After 4 months of effort, I can finally show you my first game!

I decided to work on this project to gain a deeper understanding of some
fundamental concepts of computer graphics and real-time rendering in
particular.

In a way, this game is built on top of my own tiny game engine, but I don't
like to call it that because it's not very flexible.
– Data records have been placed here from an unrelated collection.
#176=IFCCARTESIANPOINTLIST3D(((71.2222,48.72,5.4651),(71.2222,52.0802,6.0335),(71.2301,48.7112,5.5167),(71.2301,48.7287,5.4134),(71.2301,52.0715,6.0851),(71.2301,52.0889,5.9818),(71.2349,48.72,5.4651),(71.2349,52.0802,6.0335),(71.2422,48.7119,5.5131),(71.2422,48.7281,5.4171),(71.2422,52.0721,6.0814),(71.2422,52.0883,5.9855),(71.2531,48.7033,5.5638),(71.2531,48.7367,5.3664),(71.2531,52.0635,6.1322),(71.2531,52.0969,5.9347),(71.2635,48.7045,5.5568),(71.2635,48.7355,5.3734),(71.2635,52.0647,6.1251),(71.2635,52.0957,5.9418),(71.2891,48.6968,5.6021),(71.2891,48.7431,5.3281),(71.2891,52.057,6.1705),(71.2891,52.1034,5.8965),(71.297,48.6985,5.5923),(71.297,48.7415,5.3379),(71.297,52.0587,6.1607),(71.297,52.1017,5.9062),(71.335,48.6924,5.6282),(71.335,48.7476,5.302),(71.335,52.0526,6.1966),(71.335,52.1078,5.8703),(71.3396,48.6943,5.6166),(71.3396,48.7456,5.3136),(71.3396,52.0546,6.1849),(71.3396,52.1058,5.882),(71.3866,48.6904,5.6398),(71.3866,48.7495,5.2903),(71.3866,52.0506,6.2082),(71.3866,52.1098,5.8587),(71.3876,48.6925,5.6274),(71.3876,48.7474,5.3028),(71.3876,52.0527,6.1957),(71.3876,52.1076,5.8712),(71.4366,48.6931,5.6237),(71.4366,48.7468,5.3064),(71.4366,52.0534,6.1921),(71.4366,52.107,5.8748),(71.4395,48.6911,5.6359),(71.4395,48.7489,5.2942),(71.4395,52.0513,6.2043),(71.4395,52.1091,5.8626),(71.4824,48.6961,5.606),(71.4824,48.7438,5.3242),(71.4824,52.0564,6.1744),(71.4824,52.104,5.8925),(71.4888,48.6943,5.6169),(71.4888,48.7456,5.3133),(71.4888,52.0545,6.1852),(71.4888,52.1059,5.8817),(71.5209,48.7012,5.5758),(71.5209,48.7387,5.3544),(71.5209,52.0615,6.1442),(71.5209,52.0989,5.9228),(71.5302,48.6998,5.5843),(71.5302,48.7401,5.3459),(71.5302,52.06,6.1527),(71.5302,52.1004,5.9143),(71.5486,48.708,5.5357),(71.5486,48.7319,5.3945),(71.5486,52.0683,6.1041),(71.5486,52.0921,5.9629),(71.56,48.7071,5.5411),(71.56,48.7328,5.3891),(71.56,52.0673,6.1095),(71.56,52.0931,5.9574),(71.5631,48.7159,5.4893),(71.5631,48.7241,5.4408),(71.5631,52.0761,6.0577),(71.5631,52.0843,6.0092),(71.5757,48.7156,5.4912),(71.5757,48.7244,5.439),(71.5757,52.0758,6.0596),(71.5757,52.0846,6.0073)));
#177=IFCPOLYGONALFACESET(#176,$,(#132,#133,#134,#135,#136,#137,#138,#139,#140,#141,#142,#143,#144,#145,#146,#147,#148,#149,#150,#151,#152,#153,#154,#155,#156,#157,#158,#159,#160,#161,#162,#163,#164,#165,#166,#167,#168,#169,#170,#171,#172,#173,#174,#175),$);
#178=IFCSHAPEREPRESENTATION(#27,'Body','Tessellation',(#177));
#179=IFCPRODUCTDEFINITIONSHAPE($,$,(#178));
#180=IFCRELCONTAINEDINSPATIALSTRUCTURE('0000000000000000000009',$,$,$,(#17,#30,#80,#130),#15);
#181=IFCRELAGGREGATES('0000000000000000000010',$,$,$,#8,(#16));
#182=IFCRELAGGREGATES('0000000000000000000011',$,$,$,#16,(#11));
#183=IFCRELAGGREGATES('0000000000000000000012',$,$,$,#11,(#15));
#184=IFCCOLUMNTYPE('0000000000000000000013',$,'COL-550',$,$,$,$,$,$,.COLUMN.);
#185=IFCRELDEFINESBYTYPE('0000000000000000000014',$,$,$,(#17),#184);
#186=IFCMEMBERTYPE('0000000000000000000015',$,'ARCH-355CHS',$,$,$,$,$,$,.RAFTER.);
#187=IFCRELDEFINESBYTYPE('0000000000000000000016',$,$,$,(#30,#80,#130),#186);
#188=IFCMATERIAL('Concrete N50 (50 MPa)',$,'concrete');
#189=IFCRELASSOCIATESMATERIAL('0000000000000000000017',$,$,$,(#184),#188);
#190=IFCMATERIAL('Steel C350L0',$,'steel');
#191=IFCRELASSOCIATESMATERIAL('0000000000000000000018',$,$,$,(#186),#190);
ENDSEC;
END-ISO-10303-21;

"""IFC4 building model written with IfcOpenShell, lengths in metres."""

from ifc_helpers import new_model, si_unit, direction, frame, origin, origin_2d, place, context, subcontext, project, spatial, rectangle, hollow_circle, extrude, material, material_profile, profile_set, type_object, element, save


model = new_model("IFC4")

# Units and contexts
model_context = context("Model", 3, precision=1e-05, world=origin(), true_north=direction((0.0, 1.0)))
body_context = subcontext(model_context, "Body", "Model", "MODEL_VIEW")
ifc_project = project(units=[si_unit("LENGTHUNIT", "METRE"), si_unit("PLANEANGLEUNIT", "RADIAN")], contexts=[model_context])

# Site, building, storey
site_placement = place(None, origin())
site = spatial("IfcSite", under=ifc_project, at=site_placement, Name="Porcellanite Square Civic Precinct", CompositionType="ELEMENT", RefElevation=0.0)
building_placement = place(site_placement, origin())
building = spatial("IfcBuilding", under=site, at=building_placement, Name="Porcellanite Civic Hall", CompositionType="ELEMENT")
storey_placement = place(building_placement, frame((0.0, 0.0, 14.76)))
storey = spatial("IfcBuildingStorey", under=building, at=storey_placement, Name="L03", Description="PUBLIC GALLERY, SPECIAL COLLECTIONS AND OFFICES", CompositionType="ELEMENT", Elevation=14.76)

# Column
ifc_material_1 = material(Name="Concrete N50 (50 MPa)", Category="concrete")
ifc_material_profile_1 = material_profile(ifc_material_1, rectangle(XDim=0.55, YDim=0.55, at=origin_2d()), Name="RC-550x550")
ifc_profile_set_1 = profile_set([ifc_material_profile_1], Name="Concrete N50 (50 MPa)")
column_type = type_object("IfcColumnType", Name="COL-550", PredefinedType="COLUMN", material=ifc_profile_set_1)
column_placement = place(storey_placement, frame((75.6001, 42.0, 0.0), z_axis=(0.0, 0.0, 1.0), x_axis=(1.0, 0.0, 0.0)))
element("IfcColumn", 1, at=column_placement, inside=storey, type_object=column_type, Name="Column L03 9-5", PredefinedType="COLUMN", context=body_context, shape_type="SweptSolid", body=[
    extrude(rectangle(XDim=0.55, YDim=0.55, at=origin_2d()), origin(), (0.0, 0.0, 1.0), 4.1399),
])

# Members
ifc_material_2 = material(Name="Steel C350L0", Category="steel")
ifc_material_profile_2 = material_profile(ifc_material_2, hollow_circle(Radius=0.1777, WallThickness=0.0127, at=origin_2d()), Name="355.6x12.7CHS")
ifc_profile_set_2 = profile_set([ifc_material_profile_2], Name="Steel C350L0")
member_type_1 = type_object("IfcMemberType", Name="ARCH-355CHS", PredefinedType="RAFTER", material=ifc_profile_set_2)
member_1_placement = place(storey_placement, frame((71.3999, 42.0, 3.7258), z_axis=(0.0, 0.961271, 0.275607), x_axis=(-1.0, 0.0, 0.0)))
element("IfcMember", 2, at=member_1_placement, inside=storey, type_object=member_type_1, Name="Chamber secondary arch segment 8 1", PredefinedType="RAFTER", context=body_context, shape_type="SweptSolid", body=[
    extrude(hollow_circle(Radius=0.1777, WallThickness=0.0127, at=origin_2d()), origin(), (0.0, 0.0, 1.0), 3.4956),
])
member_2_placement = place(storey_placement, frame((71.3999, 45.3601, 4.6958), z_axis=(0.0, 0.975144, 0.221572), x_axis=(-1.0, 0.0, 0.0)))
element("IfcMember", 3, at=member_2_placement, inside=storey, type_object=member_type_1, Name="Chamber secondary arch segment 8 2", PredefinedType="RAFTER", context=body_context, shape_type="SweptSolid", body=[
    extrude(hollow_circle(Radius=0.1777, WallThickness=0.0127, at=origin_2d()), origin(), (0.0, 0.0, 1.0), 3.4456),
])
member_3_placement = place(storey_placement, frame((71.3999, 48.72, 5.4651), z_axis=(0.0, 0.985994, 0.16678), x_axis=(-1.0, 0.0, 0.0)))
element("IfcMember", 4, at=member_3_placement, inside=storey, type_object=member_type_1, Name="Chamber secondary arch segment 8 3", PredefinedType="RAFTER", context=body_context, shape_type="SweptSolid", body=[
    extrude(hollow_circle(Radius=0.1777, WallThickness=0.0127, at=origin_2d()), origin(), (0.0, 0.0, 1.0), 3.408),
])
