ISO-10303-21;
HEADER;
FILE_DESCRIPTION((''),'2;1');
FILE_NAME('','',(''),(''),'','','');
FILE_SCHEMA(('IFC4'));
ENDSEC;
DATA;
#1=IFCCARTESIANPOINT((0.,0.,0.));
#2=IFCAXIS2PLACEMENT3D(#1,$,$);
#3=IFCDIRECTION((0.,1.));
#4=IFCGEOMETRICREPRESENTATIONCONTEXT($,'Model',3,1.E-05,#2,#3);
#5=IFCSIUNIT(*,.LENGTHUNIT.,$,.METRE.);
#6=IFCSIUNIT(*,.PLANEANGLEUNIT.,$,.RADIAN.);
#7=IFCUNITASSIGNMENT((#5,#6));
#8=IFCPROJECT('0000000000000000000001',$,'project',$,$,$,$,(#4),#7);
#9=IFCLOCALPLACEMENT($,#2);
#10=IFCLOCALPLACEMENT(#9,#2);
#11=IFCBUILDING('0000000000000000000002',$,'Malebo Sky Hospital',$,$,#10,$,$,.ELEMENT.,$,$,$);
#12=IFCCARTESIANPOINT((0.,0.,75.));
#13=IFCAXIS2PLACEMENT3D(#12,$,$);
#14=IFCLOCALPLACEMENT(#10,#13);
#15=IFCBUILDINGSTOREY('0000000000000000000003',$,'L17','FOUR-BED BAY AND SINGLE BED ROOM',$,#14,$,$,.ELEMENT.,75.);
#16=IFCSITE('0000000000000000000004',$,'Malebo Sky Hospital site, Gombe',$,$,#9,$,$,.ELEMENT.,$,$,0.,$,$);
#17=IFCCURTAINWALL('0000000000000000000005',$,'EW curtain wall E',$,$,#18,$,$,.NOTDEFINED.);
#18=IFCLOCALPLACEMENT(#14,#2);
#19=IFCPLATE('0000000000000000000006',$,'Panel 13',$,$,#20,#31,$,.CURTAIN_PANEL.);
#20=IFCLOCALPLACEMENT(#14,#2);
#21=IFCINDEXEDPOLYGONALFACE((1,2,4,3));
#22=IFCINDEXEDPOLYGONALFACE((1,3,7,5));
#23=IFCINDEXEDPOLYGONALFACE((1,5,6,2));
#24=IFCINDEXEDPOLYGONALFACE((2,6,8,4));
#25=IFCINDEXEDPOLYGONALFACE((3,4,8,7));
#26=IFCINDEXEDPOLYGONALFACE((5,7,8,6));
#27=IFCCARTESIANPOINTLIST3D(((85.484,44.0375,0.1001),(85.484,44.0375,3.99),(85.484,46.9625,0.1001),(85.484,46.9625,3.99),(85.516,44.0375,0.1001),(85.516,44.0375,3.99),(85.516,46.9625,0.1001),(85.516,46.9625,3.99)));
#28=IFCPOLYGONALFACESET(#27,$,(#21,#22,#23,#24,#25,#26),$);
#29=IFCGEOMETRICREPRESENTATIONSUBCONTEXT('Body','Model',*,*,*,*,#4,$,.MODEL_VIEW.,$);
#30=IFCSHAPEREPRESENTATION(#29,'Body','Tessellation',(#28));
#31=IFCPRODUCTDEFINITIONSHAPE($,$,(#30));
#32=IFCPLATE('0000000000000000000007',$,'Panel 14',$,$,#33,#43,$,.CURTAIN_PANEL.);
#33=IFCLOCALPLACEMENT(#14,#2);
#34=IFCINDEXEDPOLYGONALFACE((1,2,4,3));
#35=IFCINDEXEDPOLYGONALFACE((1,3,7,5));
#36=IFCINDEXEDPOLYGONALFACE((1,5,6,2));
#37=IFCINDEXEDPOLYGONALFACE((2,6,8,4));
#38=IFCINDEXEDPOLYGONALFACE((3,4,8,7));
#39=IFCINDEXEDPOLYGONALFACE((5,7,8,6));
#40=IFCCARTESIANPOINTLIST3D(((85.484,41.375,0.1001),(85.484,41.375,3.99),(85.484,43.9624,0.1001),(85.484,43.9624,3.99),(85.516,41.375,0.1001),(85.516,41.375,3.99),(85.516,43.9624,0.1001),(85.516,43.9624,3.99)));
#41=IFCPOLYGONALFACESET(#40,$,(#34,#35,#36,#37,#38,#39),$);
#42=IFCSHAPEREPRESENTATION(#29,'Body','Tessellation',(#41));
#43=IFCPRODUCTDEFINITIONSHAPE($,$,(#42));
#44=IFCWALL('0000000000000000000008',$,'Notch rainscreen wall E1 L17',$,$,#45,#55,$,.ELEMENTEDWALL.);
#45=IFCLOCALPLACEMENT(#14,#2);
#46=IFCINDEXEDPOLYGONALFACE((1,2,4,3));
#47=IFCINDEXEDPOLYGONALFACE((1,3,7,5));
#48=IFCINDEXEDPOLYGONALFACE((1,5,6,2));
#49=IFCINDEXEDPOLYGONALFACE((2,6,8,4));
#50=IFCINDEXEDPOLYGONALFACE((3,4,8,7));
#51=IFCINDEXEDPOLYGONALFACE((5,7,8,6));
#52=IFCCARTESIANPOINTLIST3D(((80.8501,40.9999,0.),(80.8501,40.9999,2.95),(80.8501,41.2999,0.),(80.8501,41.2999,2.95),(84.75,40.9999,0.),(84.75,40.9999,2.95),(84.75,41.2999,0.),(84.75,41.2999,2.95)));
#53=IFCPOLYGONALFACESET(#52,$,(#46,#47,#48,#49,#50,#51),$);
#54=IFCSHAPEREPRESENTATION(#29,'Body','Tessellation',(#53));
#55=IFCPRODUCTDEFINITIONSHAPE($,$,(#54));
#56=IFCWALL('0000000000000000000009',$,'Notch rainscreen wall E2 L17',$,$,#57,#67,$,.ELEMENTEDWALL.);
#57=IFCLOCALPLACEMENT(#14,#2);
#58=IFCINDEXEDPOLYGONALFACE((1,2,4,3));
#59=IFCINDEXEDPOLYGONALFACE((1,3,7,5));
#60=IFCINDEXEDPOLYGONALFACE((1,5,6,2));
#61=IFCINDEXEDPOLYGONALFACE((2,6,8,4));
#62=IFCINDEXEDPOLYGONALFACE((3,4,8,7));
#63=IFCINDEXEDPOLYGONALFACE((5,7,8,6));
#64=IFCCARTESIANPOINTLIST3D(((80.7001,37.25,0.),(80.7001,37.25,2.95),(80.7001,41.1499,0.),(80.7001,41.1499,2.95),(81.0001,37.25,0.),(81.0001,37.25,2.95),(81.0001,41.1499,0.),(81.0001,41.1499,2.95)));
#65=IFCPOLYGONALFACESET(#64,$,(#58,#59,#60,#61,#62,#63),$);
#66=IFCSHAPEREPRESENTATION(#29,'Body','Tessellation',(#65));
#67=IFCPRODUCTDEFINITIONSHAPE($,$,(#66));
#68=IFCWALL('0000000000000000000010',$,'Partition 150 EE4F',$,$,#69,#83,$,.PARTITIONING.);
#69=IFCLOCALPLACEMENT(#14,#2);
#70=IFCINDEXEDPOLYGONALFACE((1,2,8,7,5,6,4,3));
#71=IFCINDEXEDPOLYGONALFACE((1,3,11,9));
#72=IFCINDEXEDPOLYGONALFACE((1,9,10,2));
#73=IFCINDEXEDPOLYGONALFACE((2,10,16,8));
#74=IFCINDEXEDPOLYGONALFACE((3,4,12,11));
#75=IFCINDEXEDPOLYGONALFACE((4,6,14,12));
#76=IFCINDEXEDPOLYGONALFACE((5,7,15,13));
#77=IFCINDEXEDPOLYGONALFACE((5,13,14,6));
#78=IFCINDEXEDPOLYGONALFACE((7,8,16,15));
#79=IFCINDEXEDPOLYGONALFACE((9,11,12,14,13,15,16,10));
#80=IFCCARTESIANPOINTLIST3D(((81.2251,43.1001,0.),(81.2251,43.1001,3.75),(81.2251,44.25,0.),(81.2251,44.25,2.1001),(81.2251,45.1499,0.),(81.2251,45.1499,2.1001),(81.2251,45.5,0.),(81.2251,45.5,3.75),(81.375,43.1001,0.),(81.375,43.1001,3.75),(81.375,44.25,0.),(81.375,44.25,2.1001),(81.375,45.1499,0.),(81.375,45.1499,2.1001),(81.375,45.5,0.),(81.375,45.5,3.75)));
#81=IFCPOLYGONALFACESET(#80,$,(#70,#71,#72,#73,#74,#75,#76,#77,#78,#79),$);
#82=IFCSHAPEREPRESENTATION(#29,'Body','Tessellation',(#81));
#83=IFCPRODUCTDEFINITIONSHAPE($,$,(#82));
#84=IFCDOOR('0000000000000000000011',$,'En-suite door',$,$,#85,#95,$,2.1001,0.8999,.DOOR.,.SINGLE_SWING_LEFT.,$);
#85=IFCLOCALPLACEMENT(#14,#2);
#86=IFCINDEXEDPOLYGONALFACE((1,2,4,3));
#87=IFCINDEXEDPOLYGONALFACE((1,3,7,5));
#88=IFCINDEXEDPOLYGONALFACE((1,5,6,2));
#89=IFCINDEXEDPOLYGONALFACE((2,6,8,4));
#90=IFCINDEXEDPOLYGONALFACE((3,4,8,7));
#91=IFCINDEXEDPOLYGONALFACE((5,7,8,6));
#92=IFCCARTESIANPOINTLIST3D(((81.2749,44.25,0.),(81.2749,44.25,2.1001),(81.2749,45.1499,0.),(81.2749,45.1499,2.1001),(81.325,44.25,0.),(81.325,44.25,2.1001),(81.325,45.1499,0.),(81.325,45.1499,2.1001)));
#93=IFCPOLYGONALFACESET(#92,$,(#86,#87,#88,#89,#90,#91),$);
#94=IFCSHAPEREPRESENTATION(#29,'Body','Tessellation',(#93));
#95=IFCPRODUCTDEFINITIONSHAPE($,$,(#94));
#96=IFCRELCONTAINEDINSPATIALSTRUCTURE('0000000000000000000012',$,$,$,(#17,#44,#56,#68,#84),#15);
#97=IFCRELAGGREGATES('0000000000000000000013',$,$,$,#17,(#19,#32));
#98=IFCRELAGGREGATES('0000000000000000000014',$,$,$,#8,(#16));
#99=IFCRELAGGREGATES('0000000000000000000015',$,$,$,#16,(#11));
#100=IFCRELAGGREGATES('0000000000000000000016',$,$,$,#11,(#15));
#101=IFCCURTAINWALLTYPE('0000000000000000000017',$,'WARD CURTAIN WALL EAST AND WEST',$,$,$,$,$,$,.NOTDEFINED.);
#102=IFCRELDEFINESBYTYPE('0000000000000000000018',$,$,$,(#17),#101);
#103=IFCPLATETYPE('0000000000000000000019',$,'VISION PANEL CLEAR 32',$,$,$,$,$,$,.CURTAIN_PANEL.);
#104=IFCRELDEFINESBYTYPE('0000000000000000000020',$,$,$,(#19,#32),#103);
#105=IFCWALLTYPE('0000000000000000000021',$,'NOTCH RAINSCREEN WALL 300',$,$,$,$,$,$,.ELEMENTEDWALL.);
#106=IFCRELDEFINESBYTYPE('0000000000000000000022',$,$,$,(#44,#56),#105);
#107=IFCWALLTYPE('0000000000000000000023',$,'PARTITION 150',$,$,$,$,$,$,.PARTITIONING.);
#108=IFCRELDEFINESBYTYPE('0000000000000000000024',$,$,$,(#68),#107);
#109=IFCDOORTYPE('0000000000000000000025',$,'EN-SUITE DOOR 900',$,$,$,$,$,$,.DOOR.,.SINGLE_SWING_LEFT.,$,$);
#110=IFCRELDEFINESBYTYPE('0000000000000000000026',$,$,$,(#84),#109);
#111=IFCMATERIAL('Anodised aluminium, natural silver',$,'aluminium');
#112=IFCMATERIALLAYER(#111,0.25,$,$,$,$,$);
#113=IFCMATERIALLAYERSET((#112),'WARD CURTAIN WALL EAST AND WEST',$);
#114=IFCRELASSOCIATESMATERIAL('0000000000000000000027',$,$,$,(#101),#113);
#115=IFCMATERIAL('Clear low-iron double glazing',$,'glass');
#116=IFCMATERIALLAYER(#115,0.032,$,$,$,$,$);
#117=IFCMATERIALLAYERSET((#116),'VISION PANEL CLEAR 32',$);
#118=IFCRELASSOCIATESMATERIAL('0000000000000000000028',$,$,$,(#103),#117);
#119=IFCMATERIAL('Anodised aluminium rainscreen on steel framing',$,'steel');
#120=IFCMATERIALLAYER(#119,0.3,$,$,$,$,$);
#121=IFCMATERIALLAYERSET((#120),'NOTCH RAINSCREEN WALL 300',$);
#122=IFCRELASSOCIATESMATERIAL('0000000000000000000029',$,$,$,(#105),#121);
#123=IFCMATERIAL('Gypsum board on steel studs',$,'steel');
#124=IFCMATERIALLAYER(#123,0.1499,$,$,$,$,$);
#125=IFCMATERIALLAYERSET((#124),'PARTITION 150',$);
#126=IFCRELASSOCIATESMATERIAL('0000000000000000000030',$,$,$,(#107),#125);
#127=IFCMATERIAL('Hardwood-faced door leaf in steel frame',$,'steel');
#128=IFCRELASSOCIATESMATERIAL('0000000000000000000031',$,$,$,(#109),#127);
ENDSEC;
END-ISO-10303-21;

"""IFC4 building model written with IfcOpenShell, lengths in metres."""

from ifc_helpers import new_model, si_unit, direction, frame, frame_2d, origin, origin_2d, place, context, subcontext, project, spatial, rectangle, extrude, material, layer, layer_set, type_object, element, fill, aggregate, save


model = new_model("IFC4")

# Units and contexts
model_context = context("Model", 3, precision=1e-05, world=origin(), true_north=direction((0.0, 1.0)))
body_context = subcontext(model_context, "Body", "Model", "MODEL_VIEW")
ifc_project = project(units=[si_unit("LENGTHUNIT", "METRE"), si_unit("PLANEANGLEUNIT", "RADIAN")], contexts=[model_context])

# Site, building, storey
site_placement = place(None, origin())
site = spatial("IfcSite", under=ifc_project, at=site_placement, Name="Malebo Sky Hospital site, Gombe", CompositionType="ELEMENT", RefElevation=0.0)
building_placement = place(site_placement, origin())
building = spatial("IfcBuilding", under=site, at=building_placement, Name="Malebo Sky Hospital", CompositionType="ELEMENT")
storey_placement = place(building_placement, frame((0.0, 0.0, 75.0)))
storey = spatial("IfcBuildingStorey", under=building, at=storey_placement, Name="L17", Description="FOUR-BED BAY AND SINGLE BED ROOM", CompositionType="ELEMENT", Elevation=75.0)

# Curtain wall
ifc_material_1 = material(Name="Anodised aluminium, natural silver", Category="aluminium")
ifc_layer_1 = layer(ifc_material_1, 0.25)
ifc_layer_set_1 = layer_set([ifc_layer_1], Name="WARD CURTAIN WALL EAST AND WEST")
curtain_wall_type_1 = type_object("IfcCurtainWallType", Name="WARD CURTAIN WALL EAST AND WEST", PredefinedType="NOTDEFINED", material=ifc_layer_set_1)
curtain_wall_1_placement = place(storey_placement, origin())
curtain_wall_1 = element("IfcCurtainWall", 1, at=curtain_wall_1_placement, inside=storey, type_object=curtain_wall_type_1, Name="EW curtain wall E", PredefinedType="NOTDEFINED")

# Plates
ifc_material_2 = material(Name="Clear low-iron double glazing", Category="glass")
ifc_layer_2 = layer(ifc_material_2, 0.032)
ifc_layer_set_2 = layer_set([ifc_layer_2], Name="VISION PANEL CLEAR 32")
plate_type = type_object("IfcPlateType", Name="VISION PANEL CLEAR 32", PredefinedType="CURTAIN_PANEL", material=ifc_layer_set_2)
plate_1_placement = place(storey_placement, frame((85.5, 45.5, 0.1001), z_axis=(0.0, 0.0, 1.0), x_axis=(0.0, -1.0, 0.0)))
plate_1 = element("IfcPlate", 2, at=plate_1_placement, type_object=plate_type, Name="Panel 13", PredefinedType="CURTAIN_PANEL", context=body_context, shape_type="SweptSolid", body=[
    extrude(rectangle(XDim=2.925, YDim=0.032, at=origin_2d()), origin(), (0.0, 0.0, 1.0), 3.8899),
])
plate_2_placement = place(storey_placement, frame((85.5, 42.6687, 0.1001), z_axis=(0.0, 0.0, 1.0), x_axis=(0.0, -1.0, 0.0)))
plate_2 = element("IfcPlate", 3, at=plate_2_placement, type_object=plate_type, Name="Panel 14", PredefinedType="CURTAIN_PANEL", context=body_context, shape_type="SweptSolid", body=[
    extrude(rectangle(XDim=2.5874, YDim=0.032, at=origin_2d()), origin(), (0.0, 0.0, 1.0), 3.8899),
])
aggregate(curtain_wall_1, [plate_1, plate_2])

# Walls
ifc_material_3 = material(Name="Anodised aluminium rainscreen on steel framing", Category="steel")
ifc_layer_3 = layer(ifc_material_3, 0.3)
ifc_layer_set_3 = layer_set([ifc_layer_3], Name="NOTCH RAINSCREEN WALL 300")
wall_type_1 = type_object("IfcWallType", Name="NOTCH RAINSCREEN WALL 300", PredefinedType="ELEMENTEDWALL", material=ifc_layer_set_3)
for number, where, z_axis, x_axis, name in (
    (4, (84.75, 41.1499, 0.0), (0.0, 0.0, 1.0), (-1.0, 0.0, 0.0), "Notch rainscreen wall E1 L17"),
    (5, (80.8501, 41.1499, 0.0), (0.0, 0.0, 1.0), (0.0, -1.0, 0.0), "Notch rainscreen wall E2 L17"),
):
    element("IfcWall", number, at=place(storey_placement, frame(where, z_axis=z_axis, x_axis=x_axis)), inside=storey, type_object=wall_type_1, Name=name, PredefinedType="ELEMENTEDWALL", context=body_context, shape_type="SweptSolid", body=[
        extrude(rectangle(XDim=3.8999, YDim=0.3, at=frame_2d((1.95, 0.0))), origin(), (0.0, 0.0, 1.0), 2.95),
    ])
It's more of a set of
classes that can be reused to build other games.

There are many things that I'm proud of, but also many things that I know were
big mistakes.

My goal was to write a game without using any global variables, where each
game state (e.g. menu, play, pause, win, etc.) would be fully independent and
encapsulated.

And while you won't find any global variables in the code, and while you'll
see that each game state is represented by its own class, I did not foresee
how sharing components (e.g. the camera, the 3D objects, etc.) between the
different game states would essentially make those components global.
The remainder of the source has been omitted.